Jeffer Eidi Sasaki, Cheryl A. Howe, Dinesh John, Amanda Hickey, Jeremy Steeves, Scott Conger, Kate Lyden, Sarah Kozey-Keadle, Sarah Burkart, Sofiya Alhassan, David Bassett Jr and Patty S. Freedson

Background:

Thirty-five percent of the activities assigned MET values in the Compendium of Energy Expenditures for Youth were obtained from direct measurement of energy expenditure (EE). The aim of this study was to provide directly measured EE for several different activities in youth.

Methods:

Resting metabolic rate (RMR) of 178 youths (80 females, 98 males) was first measured.
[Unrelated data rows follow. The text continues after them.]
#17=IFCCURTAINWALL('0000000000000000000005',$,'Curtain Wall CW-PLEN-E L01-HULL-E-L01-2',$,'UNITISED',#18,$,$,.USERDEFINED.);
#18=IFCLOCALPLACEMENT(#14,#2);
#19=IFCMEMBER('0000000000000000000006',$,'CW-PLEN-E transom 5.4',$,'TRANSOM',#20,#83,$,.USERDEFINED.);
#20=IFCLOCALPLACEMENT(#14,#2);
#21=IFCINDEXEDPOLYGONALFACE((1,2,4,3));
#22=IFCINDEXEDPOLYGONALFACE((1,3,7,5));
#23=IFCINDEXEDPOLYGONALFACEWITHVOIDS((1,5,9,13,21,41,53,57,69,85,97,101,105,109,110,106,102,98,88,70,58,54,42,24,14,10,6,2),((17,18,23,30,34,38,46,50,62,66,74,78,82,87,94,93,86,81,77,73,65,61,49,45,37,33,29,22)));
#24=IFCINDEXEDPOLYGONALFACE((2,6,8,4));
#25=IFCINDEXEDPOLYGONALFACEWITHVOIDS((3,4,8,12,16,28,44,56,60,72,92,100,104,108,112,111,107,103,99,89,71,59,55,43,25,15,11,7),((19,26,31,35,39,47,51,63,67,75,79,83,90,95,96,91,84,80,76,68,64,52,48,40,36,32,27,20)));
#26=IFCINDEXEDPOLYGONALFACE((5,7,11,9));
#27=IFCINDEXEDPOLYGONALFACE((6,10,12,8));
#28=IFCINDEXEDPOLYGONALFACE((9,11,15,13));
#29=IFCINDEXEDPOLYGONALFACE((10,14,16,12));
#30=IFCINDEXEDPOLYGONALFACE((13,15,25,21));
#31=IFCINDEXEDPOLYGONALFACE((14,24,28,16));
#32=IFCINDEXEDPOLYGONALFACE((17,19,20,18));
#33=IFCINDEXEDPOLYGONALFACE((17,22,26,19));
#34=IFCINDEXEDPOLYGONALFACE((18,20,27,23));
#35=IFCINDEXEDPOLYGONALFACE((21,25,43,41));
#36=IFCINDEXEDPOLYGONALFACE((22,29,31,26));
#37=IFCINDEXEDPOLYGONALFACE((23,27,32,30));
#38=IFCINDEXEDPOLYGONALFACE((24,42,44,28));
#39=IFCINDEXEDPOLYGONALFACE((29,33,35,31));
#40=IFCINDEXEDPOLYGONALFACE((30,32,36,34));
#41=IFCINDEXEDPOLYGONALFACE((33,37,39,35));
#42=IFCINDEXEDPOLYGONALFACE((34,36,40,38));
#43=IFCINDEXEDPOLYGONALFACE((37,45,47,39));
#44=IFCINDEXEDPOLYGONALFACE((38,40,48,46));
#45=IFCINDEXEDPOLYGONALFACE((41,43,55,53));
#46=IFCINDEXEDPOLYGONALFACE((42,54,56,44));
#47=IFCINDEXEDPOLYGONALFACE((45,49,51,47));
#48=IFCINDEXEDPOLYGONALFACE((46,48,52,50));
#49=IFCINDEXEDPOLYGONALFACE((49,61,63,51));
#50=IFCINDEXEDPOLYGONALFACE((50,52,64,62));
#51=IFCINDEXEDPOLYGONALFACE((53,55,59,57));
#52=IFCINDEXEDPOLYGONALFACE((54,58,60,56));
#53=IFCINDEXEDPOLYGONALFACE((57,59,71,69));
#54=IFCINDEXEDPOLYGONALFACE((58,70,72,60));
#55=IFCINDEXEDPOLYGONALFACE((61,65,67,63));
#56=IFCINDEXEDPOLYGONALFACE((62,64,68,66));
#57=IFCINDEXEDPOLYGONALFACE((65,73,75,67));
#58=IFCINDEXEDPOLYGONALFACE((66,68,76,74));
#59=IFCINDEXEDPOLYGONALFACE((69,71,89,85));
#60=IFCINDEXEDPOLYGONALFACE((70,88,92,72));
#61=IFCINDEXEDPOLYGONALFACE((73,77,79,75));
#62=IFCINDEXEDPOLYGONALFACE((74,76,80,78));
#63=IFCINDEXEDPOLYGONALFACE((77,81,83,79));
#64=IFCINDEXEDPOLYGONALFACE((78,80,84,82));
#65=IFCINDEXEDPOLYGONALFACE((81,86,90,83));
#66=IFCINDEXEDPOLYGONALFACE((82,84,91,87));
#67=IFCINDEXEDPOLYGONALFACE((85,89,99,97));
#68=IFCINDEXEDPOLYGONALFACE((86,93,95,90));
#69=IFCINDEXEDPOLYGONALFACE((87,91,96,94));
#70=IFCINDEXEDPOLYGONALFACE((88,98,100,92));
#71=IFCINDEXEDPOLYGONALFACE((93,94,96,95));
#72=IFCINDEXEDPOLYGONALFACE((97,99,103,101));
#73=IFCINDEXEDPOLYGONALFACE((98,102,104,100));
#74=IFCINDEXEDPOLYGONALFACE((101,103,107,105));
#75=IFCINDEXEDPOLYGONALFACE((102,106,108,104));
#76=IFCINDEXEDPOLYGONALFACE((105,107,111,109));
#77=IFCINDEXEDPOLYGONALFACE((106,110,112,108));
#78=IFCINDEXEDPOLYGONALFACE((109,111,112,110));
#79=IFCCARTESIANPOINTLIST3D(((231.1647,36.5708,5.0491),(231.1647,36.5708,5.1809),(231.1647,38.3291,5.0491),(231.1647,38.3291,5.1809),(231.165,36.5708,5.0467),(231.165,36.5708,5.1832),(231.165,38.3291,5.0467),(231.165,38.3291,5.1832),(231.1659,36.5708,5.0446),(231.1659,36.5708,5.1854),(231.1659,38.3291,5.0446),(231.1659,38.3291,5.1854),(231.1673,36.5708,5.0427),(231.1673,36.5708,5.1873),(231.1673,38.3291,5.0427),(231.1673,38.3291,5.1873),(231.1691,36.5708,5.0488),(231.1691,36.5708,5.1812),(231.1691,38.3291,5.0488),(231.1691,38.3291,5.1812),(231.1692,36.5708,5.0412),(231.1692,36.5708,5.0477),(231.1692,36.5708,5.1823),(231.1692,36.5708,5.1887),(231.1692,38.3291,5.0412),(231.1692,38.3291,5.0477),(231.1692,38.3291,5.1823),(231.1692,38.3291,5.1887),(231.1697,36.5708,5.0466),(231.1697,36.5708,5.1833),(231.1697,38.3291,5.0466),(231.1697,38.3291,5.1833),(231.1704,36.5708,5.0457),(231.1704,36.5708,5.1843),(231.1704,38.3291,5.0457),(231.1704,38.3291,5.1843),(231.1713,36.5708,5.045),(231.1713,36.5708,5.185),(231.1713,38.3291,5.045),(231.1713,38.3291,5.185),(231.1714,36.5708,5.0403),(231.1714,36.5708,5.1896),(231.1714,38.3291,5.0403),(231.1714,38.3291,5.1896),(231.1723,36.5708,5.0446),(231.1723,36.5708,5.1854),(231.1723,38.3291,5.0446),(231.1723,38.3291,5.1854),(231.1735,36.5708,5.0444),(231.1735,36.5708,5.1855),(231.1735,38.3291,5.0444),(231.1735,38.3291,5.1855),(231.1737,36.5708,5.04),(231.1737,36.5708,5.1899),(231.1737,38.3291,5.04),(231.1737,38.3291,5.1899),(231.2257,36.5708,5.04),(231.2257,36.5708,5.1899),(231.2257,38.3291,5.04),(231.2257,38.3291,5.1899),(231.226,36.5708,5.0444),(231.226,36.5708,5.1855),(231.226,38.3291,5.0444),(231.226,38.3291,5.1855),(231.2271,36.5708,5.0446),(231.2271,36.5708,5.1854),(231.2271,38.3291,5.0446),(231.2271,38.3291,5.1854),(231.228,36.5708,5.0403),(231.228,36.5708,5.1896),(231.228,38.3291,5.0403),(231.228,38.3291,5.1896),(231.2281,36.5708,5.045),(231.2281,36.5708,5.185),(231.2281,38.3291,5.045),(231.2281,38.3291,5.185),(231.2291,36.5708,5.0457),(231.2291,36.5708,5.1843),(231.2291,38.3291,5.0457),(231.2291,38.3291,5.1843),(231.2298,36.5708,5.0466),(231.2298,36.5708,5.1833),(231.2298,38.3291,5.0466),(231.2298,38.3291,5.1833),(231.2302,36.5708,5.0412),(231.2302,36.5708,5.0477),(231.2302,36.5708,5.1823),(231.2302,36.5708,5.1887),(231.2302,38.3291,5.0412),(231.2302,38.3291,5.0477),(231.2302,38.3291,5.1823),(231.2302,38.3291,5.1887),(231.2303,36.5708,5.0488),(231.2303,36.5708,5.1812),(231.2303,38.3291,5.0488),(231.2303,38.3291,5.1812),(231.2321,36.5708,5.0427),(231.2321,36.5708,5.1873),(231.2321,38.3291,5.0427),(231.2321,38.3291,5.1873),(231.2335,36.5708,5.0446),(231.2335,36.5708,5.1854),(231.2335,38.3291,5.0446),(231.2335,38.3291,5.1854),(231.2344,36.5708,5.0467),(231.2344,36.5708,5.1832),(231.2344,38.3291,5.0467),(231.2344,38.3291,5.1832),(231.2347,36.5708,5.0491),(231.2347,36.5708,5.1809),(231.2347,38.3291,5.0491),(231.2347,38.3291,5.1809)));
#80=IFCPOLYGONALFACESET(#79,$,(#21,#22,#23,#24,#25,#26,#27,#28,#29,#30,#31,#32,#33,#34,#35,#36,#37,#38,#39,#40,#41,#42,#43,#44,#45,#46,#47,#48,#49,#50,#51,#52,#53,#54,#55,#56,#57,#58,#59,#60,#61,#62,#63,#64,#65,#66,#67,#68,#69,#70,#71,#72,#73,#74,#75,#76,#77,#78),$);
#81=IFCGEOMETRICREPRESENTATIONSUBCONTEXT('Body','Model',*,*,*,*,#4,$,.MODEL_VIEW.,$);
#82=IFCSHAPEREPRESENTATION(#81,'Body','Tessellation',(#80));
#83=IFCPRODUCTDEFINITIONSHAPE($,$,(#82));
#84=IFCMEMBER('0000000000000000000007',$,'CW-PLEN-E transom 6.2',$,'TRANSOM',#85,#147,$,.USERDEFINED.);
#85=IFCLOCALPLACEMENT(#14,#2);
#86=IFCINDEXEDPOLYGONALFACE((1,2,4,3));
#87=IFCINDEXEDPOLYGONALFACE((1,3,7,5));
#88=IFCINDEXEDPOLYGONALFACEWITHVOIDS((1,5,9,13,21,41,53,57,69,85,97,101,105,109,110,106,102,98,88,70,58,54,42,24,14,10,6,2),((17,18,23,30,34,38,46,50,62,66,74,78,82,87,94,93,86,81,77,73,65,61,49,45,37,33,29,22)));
Participants then performed structured activity bouts while wearing a portable metabolic system to directly measure EE. Steady-state oxygen consumption data were used to compute activity METstandard (activity VO2/3.5) and METmeasured (activity VO2/measured RMR) for the different activities.

Results:

Rates of EE were measured for 70 different activities and ranged from 1.9 to 12.0 METstandard and 1.5 to 10.0 METmeasured.

Conclusion:

This study provides directly measured energy cost values for 70 activities in children and adolescents. It contributes empirical data to support the expansion of the Compendium of Energy Expenditures for Youth.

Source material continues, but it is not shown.